A Força Nacional de Segurança vai atuar por 30 dias em Mato Grosso do Sul devido ao conflito agrário entre índios e fazendeiros.

Conforme portaria do Ministério da Justiça, publicada nesta sexta-feira, o trabalho será de “forma complementar, em apoio às atividades da Polícia Militar do Mato Grosso do Sul, entre os municípios de Antônio João e Japorã, a fim de prevenir e reprimir conflitos agrários, bem como agir na prevenção aos crimes contra as comunidades indígena”.

Ainda segundo o documento, assinado pelo ministro José Eduardo Cardozo, o prazo pode ser prorrogado em caso de necessidade. A ação é para assegurar a manutenção da ordem pública na região do Conesul.

A disputa fundiária voltou a se acirrar no Estado.
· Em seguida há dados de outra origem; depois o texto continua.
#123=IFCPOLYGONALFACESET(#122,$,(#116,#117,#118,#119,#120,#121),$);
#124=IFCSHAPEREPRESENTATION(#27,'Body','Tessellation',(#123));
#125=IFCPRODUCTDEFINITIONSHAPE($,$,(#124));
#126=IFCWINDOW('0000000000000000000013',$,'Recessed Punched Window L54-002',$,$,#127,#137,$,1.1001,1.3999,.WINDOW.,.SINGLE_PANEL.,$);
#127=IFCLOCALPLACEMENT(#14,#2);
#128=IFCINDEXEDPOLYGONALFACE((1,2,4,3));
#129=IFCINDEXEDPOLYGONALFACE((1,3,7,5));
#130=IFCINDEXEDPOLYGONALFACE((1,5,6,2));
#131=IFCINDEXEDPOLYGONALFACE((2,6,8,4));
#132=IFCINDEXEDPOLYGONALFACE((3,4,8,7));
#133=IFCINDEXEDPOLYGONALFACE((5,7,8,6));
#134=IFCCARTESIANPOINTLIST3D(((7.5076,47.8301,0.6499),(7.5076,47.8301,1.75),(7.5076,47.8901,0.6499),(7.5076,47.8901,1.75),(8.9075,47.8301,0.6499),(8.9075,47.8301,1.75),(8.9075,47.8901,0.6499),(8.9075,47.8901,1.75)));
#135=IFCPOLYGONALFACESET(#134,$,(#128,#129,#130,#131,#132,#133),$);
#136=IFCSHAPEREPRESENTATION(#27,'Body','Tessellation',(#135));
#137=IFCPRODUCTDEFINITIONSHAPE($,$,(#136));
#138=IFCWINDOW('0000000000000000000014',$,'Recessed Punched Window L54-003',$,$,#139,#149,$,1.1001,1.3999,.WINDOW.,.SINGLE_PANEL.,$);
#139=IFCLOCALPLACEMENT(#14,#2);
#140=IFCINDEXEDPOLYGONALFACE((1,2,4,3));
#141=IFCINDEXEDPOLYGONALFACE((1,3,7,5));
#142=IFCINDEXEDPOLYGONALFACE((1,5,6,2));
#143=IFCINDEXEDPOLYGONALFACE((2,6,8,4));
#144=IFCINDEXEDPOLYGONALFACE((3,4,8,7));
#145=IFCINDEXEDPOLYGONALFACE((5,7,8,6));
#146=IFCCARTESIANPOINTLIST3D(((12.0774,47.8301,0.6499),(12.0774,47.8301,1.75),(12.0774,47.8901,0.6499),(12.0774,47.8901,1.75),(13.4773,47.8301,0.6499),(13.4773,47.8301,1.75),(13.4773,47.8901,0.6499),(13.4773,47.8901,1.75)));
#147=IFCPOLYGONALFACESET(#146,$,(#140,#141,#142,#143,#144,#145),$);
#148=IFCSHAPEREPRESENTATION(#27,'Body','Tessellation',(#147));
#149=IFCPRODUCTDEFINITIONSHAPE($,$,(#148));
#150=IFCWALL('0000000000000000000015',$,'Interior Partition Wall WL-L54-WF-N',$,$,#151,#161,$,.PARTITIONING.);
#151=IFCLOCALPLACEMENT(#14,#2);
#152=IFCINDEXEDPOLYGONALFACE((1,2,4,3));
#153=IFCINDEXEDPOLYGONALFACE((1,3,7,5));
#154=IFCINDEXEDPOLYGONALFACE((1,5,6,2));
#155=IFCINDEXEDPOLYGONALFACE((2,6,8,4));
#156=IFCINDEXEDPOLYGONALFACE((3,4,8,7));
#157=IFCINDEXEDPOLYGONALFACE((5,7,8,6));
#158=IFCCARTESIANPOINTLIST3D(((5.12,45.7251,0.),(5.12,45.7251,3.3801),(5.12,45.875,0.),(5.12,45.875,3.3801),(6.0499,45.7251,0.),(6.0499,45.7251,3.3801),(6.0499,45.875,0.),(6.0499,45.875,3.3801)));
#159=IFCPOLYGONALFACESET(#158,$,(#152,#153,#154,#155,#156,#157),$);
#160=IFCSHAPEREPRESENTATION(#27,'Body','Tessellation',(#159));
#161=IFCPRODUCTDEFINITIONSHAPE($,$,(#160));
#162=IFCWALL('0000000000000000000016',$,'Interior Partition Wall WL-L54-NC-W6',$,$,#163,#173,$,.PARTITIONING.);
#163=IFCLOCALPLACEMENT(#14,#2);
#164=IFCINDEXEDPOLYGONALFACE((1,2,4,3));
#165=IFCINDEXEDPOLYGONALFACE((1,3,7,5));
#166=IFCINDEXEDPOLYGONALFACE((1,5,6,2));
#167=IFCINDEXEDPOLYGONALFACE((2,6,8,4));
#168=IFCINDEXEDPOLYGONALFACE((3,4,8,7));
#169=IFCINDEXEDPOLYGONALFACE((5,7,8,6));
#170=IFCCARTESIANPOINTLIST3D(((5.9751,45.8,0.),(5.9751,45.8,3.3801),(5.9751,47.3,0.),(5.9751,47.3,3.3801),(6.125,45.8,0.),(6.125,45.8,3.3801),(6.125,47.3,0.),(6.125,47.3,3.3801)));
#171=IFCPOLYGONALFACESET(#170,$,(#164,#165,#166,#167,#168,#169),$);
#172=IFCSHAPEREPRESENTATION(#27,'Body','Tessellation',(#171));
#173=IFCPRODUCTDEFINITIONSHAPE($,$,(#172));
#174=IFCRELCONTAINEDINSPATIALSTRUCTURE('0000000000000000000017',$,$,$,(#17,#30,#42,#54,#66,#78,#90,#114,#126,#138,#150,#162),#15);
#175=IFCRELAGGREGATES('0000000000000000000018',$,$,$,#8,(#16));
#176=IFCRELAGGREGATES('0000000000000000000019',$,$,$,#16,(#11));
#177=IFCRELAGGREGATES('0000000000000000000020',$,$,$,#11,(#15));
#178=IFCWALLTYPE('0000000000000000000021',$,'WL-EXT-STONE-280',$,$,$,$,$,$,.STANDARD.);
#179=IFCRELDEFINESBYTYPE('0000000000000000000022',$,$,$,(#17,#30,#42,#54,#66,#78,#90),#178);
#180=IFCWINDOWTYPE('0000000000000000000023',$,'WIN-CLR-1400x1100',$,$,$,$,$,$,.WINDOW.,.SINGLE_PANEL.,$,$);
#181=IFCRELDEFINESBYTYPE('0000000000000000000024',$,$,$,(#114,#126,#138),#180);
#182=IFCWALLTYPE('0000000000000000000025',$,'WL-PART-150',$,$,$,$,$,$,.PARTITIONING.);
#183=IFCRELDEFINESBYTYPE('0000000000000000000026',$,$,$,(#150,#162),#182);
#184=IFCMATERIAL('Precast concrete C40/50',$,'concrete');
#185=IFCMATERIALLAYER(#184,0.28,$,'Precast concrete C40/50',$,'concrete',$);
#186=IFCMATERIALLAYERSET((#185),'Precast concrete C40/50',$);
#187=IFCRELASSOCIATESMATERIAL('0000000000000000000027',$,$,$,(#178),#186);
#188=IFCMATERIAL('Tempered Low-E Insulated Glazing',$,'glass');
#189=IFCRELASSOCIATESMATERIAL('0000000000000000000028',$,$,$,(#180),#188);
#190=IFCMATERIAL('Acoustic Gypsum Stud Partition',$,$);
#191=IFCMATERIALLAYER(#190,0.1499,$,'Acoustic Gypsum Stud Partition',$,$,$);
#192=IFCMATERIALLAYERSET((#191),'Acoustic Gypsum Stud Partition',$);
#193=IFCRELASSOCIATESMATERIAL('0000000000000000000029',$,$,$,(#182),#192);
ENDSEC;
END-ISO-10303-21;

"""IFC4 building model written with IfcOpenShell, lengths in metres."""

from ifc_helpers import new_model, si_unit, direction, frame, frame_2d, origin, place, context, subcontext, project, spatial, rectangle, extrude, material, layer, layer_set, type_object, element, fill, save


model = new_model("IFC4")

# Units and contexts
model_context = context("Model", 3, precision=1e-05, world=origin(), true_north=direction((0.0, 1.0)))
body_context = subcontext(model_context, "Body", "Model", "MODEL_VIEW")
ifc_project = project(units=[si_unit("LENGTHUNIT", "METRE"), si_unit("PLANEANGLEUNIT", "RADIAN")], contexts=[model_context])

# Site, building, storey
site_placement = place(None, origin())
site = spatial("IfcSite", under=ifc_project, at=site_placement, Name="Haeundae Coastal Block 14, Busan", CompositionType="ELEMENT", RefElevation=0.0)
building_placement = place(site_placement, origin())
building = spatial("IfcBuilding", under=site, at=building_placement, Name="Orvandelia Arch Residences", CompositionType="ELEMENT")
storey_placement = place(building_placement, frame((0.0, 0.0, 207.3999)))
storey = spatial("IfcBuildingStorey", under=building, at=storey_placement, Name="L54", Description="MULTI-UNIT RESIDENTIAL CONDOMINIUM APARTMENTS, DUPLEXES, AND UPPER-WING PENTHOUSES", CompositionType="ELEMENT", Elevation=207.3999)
No último dia 22 de junho, índios guarani-kaiowá do acampamento Kurusu Ambá voltaram a ocupar a fazenda Madama, localizada entre os municípios de Coronel Sapucaia e Amambai, na fronteira com o Paraguai.

Houve conflito e denúncia do desaparecimento de dois jovens indígenas. No dia 24, as fazendas Três Poderes e Água Branca, localizadas na região conhecida como “Tagi”, próximo à MS-386, entre Amambai e Ponta Porã, foram ocupadas durante por índios do acampamento Guaivyry.